No, it can't be expressed exactly in a double. If Java supports BCD, or fixed point decimal, that would work exactly.
Not in binary, no. If you'll allow me to be fanciful, you could in "floating point binary coded decimal" (which, to the best of my knowledge, has never been implemented):
12.1 = 0000 . 0001 0010 0001 * (10^2)
In binary all non-zero values are of the form 1.xyz * m, and IEEE form takes advantage of this to omit the leading 1. I'm not sure what the equivalent is for FP-BCD, so I've gone for values of the form 0.xyz * m instead.
I suggest reading What Every Computer Scientist Should Know About Floating Point Arithmetic. Then you'll know for sure. :)
A way to see what the double is fairly exactly is to convert it to BigDecimal.
// prints 12.0999999999999996447286321199499070644378662109375
System.out.println(new BigDecimal(12.1));
Yes, you can exactly represent 12.1 in floating point.
You merely need a decimal floating point representation, not a binary one.
Use the BigDecimal type, and you'll represent it exactly!
No, the decimal number 12.1 cannot be represented as a finite (terminating) binary floating-point number.

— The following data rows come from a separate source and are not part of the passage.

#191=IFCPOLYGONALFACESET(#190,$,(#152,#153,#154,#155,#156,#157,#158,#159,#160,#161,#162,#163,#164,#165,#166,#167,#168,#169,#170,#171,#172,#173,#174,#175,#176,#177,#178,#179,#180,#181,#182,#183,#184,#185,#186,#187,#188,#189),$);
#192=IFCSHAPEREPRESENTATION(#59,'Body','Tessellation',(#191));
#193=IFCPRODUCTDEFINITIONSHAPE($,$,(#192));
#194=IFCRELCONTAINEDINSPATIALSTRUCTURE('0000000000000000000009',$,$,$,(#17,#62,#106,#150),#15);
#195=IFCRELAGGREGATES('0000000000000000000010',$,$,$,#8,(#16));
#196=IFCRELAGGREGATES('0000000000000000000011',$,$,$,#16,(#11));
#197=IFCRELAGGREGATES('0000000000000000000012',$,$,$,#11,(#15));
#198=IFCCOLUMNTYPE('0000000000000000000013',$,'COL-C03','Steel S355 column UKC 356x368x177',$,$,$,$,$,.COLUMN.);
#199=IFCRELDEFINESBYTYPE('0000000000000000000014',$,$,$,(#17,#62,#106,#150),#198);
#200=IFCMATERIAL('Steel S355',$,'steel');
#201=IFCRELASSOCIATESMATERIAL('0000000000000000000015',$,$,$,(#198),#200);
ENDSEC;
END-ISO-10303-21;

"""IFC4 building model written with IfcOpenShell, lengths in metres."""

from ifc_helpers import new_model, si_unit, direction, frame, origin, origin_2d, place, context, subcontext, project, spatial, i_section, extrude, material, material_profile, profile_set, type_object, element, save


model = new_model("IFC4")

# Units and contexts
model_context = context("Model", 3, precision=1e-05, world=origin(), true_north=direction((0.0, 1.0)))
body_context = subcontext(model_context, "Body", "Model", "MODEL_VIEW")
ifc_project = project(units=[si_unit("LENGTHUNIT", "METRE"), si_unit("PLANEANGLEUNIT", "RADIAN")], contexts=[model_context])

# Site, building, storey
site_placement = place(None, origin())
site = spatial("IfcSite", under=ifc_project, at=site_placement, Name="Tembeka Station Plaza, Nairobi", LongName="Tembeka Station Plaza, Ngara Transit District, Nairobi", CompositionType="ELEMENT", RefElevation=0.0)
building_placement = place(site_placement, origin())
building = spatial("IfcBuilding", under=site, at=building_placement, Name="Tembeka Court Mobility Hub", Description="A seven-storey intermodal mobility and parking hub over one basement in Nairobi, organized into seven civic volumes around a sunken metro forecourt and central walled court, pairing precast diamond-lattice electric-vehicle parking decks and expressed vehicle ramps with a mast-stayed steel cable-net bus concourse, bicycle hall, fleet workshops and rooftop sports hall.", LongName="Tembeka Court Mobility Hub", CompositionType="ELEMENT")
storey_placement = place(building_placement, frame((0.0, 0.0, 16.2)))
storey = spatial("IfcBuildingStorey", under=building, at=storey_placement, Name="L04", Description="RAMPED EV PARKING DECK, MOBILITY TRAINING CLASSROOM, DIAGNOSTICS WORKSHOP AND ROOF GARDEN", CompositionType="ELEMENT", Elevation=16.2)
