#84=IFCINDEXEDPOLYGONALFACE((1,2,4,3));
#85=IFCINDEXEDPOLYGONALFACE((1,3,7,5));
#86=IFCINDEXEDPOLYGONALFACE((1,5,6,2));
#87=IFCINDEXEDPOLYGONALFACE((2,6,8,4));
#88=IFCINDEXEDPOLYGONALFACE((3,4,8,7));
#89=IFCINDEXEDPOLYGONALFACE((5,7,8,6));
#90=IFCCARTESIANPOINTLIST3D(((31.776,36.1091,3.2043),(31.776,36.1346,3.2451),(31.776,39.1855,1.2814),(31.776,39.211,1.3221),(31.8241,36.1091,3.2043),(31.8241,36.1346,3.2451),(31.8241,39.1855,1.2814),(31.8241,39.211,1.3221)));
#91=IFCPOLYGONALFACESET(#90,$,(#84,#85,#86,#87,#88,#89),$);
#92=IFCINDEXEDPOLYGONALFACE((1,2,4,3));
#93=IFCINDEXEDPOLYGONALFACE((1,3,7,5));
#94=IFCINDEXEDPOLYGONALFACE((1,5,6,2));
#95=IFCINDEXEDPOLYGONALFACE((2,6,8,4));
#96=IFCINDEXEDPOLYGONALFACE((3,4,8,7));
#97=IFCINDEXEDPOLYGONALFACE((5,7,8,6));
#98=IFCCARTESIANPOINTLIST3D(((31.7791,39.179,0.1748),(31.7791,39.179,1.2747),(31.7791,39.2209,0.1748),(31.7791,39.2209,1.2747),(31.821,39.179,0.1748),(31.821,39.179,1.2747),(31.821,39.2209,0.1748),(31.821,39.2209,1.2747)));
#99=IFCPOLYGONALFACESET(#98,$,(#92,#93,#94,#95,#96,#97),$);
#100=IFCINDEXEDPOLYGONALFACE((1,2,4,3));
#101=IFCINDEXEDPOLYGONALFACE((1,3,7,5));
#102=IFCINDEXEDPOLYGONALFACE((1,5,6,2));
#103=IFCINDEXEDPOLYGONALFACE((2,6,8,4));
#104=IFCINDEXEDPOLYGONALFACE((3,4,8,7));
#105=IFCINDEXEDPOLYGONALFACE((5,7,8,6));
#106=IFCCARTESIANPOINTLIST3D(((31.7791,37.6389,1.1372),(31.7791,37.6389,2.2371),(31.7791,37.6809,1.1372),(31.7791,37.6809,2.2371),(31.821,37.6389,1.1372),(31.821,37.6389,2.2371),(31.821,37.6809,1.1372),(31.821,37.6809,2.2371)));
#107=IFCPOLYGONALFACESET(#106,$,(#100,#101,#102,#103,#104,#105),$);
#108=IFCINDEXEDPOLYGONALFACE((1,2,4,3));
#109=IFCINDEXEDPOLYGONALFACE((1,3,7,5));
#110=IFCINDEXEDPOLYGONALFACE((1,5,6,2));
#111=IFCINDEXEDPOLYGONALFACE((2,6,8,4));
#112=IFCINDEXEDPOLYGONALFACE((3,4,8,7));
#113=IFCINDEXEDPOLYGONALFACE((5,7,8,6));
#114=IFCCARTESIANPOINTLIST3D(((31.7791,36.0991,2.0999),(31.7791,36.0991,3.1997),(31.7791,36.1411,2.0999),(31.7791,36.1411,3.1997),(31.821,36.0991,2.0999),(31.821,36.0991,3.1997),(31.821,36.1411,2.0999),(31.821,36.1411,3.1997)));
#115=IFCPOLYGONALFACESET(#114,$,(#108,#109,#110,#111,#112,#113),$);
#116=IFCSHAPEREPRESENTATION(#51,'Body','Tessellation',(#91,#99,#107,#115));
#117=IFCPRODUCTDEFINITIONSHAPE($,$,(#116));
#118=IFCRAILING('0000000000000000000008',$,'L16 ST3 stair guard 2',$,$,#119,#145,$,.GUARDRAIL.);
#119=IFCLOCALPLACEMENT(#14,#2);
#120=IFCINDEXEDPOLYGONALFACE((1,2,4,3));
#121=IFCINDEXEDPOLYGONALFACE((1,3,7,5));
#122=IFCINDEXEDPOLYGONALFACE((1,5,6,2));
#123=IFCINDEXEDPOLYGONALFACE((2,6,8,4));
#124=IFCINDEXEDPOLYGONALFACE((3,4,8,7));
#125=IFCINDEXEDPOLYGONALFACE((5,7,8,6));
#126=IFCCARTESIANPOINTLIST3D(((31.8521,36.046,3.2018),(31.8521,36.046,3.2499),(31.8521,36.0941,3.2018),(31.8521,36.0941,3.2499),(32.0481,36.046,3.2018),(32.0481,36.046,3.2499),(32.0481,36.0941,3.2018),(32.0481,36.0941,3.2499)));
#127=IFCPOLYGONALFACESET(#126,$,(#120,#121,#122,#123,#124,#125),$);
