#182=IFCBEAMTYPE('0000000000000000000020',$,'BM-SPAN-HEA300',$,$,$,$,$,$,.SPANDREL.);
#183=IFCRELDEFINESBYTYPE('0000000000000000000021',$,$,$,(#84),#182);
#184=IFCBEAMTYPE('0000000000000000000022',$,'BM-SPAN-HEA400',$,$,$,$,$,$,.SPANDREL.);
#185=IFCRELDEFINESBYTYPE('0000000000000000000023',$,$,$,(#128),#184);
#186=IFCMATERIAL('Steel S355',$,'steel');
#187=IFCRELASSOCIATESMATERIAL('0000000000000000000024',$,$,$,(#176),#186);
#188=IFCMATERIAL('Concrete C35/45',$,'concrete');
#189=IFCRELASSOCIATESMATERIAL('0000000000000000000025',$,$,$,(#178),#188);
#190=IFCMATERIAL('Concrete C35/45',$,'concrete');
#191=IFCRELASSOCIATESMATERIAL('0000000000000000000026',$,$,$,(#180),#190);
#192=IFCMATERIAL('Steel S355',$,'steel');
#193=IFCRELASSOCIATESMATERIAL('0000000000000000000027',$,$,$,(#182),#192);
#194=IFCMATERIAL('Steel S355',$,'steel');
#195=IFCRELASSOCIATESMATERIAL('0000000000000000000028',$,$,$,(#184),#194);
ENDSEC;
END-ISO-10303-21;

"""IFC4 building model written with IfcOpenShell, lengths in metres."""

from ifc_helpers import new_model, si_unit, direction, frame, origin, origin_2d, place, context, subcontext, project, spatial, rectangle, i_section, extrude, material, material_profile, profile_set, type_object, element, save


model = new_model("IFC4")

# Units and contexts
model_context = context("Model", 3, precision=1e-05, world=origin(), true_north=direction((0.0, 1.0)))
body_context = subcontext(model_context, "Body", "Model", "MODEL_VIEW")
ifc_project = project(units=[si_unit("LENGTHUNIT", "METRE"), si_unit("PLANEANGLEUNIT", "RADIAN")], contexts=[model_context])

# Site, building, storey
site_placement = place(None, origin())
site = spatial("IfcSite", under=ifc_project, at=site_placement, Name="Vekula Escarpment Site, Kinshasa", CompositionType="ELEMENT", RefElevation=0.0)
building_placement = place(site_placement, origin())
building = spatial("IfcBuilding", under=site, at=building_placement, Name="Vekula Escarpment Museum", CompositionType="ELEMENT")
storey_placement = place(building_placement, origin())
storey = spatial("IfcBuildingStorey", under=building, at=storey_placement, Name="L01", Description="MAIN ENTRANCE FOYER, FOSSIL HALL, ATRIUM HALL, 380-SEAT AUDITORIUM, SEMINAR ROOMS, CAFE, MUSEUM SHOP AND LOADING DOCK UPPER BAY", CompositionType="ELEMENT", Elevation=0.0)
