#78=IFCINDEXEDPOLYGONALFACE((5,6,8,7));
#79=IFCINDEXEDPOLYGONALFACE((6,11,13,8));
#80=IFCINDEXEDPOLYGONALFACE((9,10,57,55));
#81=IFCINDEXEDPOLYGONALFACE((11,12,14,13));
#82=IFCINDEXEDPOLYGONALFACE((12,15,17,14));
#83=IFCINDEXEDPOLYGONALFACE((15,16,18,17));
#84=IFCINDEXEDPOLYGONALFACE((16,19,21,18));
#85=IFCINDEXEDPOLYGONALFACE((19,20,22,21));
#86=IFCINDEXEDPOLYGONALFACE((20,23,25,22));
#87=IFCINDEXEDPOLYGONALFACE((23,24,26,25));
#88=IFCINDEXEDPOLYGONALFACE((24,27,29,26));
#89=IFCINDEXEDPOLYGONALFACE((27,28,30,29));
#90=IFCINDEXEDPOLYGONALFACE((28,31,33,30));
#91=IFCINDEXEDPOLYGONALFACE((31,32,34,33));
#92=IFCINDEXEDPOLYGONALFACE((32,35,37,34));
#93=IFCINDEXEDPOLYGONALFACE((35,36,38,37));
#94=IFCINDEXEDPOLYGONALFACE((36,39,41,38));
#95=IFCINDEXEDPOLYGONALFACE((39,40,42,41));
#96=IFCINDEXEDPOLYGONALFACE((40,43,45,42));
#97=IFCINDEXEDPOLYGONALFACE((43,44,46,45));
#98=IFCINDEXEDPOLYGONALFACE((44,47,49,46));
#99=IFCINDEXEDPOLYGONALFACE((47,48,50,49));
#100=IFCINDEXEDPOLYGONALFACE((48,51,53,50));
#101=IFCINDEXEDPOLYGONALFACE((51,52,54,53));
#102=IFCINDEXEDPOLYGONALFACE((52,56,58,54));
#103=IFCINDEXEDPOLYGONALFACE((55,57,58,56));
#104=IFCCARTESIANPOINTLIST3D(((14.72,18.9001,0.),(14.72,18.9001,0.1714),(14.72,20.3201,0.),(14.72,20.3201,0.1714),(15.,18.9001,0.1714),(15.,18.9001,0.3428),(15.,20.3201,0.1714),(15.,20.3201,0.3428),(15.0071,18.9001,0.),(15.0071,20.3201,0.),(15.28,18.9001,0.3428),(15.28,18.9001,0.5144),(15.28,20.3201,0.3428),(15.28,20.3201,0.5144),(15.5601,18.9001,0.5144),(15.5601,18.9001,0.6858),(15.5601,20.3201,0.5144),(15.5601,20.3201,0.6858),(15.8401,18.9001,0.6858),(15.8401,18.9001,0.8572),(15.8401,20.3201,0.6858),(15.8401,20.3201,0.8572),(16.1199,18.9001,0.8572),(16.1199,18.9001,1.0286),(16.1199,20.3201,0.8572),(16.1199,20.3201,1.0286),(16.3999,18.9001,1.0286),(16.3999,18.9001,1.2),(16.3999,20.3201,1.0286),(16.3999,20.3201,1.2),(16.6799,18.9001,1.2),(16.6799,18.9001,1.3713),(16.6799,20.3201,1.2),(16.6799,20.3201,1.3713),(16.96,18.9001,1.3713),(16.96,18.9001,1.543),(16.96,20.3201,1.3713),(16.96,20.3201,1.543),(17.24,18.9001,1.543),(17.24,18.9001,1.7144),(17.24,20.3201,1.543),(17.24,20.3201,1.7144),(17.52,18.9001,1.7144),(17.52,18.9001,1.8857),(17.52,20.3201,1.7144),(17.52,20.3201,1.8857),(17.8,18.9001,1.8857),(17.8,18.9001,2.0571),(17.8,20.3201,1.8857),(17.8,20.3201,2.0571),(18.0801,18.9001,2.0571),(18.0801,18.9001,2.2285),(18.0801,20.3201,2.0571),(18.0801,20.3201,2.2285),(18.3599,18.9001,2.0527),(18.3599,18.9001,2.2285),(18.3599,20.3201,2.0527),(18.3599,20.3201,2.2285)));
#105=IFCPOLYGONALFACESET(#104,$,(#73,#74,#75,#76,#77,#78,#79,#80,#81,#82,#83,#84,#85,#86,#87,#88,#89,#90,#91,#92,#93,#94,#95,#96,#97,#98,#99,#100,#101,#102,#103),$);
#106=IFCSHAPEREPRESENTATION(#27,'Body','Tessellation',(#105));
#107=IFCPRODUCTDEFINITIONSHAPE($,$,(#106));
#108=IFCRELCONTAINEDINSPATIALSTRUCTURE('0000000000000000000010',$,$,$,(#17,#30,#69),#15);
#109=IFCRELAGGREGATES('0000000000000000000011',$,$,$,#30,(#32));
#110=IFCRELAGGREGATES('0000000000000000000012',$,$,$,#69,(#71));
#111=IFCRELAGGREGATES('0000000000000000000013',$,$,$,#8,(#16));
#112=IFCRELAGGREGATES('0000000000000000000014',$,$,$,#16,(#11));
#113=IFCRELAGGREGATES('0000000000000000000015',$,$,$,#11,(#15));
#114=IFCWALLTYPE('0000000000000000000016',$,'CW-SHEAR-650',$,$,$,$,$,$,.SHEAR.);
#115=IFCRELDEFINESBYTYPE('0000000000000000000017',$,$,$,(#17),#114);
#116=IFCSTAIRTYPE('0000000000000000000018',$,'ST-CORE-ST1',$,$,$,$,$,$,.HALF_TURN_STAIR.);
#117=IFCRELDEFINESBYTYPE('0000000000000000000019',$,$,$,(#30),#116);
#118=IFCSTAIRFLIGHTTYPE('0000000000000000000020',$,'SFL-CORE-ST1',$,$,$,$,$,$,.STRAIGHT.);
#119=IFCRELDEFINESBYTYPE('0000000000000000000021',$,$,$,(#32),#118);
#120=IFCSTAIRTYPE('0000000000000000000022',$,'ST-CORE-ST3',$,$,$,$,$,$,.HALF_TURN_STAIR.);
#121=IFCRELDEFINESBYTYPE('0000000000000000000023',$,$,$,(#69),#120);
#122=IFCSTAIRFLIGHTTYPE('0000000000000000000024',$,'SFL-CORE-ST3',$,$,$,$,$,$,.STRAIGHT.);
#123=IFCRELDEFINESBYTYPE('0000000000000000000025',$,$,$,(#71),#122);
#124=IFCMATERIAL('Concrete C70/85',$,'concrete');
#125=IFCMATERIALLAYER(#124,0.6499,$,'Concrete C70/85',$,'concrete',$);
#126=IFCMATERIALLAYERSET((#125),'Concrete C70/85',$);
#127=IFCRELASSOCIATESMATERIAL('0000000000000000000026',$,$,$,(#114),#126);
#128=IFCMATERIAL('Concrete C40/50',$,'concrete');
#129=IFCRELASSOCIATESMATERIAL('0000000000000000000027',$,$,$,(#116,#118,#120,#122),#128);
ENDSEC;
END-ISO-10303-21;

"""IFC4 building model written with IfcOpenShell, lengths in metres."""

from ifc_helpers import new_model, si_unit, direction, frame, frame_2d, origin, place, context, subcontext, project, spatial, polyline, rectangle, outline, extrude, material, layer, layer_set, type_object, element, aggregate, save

Remember that 12.1 is the rational number 121/10. Note that this fraction is in lowest terms (cannot be reduced by removing common fators of the numerator an denominator).
Suppose (in order to reach a contradiction) that 121/10 could be written also as n / (2**k) where n and k are some positive integers, and 2**k denotes the kth power of two. We would have a counter-example to unique factorization. In particular
10 * n == 2**k * 121
where the left-hand side is divisible by 5 which the right-hand side is not.
One option that you can use is to not store v=0.1, but instead store v10=1. Just divide by 10 when needed ( the division will create truncation error in your result but v will still be OK )
In this case you're basically doing a fixed point hack, but keeping the number in a float.
But its usually not worth doing this unless you really have to.